Hi, Dena
I somehow think you are posting your replies in several threads - maybe it would have made sense to do your own topic and post everything there

Anyways...
You can try different recordings - useful wouold probably be your everyday voice and a voice where you just totally relax and let go. You dont have to push it to sound male. Something that might me interesting though would be if you cound record a glissando while humming (humming and then go as low as you can and then as high as you can) to evaluate your vocal range. We can analyze this with PRAAT and tell you the notes, if you like

Quote from: Dena on May 26, 2015, 11:26:26 AM
This voice has to be an octave above the old voice but still about an octave below the female range. The point is when my voice broke, it broke bad and the only way I can reach the female range hurts.
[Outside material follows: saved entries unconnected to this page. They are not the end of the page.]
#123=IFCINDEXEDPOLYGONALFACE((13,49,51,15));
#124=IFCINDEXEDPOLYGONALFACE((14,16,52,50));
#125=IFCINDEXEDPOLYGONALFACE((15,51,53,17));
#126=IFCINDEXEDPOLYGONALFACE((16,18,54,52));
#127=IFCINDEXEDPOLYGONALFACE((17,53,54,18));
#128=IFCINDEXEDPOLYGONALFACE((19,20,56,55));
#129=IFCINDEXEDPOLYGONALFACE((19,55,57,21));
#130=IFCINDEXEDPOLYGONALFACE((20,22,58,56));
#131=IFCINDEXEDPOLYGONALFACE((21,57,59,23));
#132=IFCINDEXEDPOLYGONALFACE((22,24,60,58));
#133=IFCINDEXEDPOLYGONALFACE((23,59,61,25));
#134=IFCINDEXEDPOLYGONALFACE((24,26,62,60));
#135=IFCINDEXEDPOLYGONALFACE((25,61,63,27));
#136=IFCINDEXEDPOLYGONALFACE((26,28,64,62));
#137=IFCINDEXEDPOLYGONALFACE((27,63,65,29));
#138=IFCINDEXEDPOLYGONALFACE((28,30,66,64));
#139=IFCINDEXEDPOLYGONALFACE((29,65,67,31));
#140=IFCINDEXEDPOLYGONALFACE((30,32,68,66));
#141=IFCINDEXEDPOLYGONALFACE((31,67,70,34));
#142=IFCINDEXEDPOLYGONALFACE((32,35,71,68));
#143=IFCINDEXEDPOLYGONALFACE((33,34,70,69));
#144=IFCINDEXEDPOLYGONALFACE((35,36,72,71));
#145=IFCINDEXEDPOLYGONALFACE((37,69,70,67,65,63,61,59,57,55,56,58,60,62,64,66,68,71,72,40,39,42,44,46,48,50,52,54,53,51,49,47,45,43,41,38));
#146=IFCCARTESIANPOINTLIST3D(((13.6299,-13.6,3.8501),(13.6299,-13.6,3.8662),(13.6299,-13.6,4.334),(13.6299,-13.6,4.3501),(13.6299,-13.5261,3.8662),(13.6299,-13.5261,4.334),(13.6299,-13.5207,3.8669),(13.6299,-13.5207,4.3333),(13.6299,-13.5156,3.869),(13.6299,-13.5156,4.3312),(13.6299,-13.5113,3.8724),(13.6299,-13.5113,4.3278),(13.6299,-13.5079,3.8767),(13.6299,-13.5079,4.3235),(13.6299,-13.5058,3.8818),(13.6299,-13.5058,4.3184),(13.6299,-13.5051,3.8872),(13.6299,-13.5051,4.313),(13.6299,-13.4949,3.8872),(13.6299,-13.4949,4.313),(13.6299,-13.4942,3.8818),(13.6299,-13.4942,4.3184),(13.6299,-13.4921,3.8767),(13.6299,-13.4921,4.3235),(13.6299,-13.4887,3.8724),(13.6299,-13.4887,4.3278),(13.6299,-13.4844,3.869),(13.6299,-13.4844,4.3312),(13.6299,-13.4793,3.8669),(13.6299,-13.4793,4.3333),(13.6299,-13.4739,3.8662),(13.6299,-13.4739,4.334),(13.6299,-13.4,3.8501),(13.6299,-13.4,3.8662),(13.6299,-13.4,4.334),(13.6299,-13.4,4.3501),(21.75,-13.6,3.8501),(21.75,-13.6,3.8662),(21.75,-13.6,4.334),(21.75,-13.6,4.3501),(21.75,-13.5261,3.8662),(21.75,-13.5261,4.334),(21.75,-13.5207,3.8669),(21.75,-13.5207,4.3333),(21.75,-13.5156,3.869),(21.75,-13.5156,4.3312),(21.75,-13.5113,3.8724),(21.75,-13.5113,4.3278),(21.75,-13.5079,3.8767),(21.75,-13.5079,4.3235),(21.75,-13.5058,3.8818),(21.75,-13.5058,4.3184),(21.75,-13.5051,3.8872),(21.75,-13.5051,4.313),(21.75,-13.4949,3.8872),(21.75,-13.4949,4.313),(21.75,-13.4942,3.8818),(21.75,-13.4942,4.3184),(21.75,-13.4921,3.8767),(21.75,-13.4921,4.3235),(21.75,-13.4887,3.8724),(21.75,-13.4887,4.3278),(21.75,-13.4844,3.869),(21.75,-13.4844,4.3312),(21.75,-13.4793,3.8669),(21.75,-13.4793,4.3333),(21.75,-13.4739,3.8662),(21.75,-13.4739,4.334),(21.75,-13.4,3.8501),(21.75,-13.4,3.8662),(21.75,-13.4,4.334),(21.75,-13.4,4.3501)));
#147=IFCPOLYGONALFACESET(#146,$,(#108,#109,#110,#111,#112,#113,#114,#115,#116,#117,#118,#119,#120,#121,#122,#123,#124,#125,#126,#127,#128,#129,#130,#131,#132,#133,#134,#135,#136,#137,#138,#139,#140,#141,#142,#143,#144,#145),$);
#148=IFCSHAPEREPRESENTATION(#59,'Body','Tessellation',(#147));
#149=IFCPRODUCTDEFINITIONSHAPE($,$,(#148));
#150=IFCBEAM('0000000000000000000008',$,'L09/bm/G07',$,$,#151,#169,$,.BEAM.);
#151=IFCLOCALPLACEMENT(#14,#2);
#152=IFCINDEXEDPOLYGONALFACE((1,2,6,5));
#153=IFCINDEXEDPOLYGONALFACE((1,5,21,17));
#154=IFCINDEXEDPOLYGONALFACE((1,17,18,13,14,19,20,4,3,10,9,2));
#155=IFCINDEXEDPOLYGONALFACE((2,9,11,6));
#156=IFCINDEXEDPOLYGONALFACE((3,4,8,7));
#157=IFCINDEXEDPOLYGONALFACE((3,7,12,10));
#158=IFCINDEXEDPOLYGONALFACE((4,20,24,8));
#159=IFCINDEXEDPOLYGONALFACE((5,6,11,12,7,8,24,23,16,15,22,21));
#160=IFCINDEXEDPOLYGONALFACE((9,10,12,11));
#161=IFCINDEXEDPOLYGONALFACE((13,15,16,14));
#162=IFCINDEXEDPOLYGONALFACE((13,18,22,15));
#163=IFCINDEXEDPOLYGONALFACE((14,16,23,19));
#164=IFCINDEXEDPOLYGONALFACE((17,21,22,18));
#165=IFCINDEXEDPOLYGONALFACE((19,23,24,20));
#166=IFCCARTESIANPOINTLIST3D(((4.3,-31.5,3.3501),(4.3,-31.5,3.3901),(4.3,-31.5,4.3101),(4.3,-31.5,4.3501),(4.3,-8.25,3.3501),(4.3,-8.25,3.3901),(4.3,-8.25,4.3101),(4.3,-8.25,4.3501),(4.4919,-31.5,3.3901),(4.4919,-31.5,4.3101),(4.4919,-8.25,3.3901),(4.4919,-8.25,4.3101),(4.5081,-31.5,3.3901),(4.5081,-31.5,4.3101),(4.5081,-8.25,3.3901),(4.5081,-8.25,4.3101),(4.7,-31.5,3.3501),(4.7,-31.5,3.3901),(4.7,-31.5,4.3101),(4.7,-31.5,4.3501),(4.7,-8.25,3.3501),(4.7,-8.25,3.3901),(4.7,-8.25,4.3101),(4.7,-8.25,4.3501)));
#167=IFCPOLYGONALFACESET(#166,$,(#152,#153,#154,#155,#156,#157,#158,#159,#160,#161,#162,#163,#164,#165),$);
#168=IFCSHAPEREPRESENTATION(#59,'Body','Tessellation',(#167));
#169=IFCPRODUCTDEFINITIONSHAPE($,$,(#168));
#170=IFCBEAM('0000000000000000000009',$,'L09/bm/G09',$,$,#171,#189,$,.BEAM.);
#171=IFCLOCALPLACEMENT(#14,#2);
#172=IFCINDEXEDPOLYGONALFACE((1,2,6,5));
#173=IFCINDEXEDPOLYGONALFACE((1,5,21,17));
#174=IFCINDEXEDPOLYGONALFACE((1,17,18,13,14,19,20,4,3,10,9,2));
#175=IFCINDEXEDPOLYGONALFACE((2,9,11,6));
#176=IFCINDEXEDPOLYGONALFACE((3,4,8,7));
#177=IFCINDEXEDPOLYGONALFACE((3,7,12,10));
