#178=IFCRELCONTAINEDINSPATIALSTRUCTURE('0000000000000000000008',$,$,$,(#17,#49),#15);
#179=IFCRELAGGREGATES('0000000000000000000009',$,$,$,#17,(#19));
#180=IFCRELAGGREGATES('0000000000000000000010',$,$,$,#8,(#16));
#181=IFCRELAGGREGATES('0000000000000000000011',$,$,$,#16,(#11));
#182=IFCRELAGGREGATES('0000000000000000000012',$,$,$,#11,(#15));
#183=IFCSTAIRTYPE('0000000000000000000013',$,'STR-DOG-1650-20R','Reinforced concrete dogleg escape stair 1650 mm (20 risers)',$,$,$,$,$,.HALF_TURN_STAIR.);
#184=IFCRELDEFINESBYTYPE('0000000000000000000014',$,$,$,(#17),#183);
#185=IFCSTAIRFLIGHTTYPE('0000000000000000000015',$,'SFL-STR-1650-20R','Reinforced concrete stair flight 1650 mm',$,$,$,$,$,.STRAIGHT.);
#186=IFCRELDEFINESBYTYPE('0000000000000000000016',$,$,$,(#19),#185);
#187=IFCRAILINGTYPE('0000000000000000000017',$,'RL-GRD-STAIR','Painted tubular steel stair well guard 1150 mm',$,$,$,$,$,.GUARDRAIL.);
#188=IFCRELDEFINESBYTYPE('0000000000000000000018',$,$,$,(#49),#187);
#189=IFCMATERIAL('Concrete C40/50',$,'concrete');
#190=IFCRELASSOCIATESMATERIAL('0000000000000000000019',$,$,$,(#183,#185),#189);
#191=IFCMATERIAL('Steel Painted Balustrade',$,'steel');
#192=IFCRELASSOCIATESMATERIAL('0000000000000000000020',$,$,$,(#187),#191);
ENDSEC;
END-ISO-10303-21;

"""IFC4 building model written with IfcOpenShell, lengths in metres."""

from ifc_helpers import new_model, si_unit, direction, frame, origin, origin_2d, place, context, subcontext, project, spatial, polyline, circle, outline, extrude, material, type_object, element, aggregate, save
This is not physically impossible, just very very unlikely - it would place your voice in or below the C2 range, which is about 65 Hz - Dr Kim mentioned that some patients had voices as low as 85 Hz, which poses a problem since you can usually only gain 75 Hz with the surgery, which still would put them only in the upper male or gender neutral range.
Here is a conversion table showing Hz and piano key names. Male voices are said to be 100-150 Hz, female 180-260 Hz.
If you are right and your voice is in the lowest possible range originally, it would probably be in that 80 Hz range - so to reach 140 Hz which is the point you can go to, IIRC, already is a pretty big shift and definitely it is not adviseable to go beyond that by voice training alone. If my assumptions so far are true, VFS will not be able to give you an effortless female voice but you would have to add some pitch increase by training on top of that. Usually what happens if someone has a trained , piptched, voice and then has VFS is, the new voice will be the same as the old, pitched voice, but the untrained voice is gone and the new voice is without effort but at the same pitch as the trained voice before VFS.
QuoteIn short, my old normal voice was somewhere in the mid 2 range. My physical size combine with a very large adams apple indicates I have a good sized vocal instrument which is not really what I want. I would settle for a much smaller model.
This would match my assumption of your old voice being in the 80 Hz range (E2) which really is low but it is only a bit over an octave below the female range (E3 is gender neutral, G3 is already female range)
Since your physical size is so large (how tall are you? more than 1m90? are you thin or more medium sized or big?), a voice that is below female average is expected by others anyways. Do you get misgendered a lot because of the tallness and the very large adams apple? After all its a pretty well known gender marker.... Or did you have it shaved?
Size of the adams apple seems not to have to do a whole lot with pitch though. I have basically no adams apple but my voice still was in the 110 Hz range and considered in the lower male range.
QuoteAs for projection, I don't need it all at once and am willing to wait out the healing period. Funny thing is a slow healing period will be an advantage for me. It will allow for the people who know me but don't know about me to see a gradual change in my voice instead of walking and suddenly going from a low voice to a high one.
Well - it is hard to predict. But one thing seems to be an issue - if you dont use your new pitch, you may not get used to it and then it may be harder to use it eventually. But since you said you are already using a voice that is almost an octave above your natural voice, the difference will not even be noticeable by others, it will just be easier for you and you will have the option to use higher pitches at will, so you could eventually increase pitch as you like.
During the first 8 weeks and some more, I was not audible in a car that had a loud engine or in a bar situation. I was at a party after the 8 week mark but was basically mute because I could not talk loud enough to communicate to others since too many people were talking plus music was playing. I think now after 3 months, I might stand a chance. What is your occupation? Do you have a very loud workplace?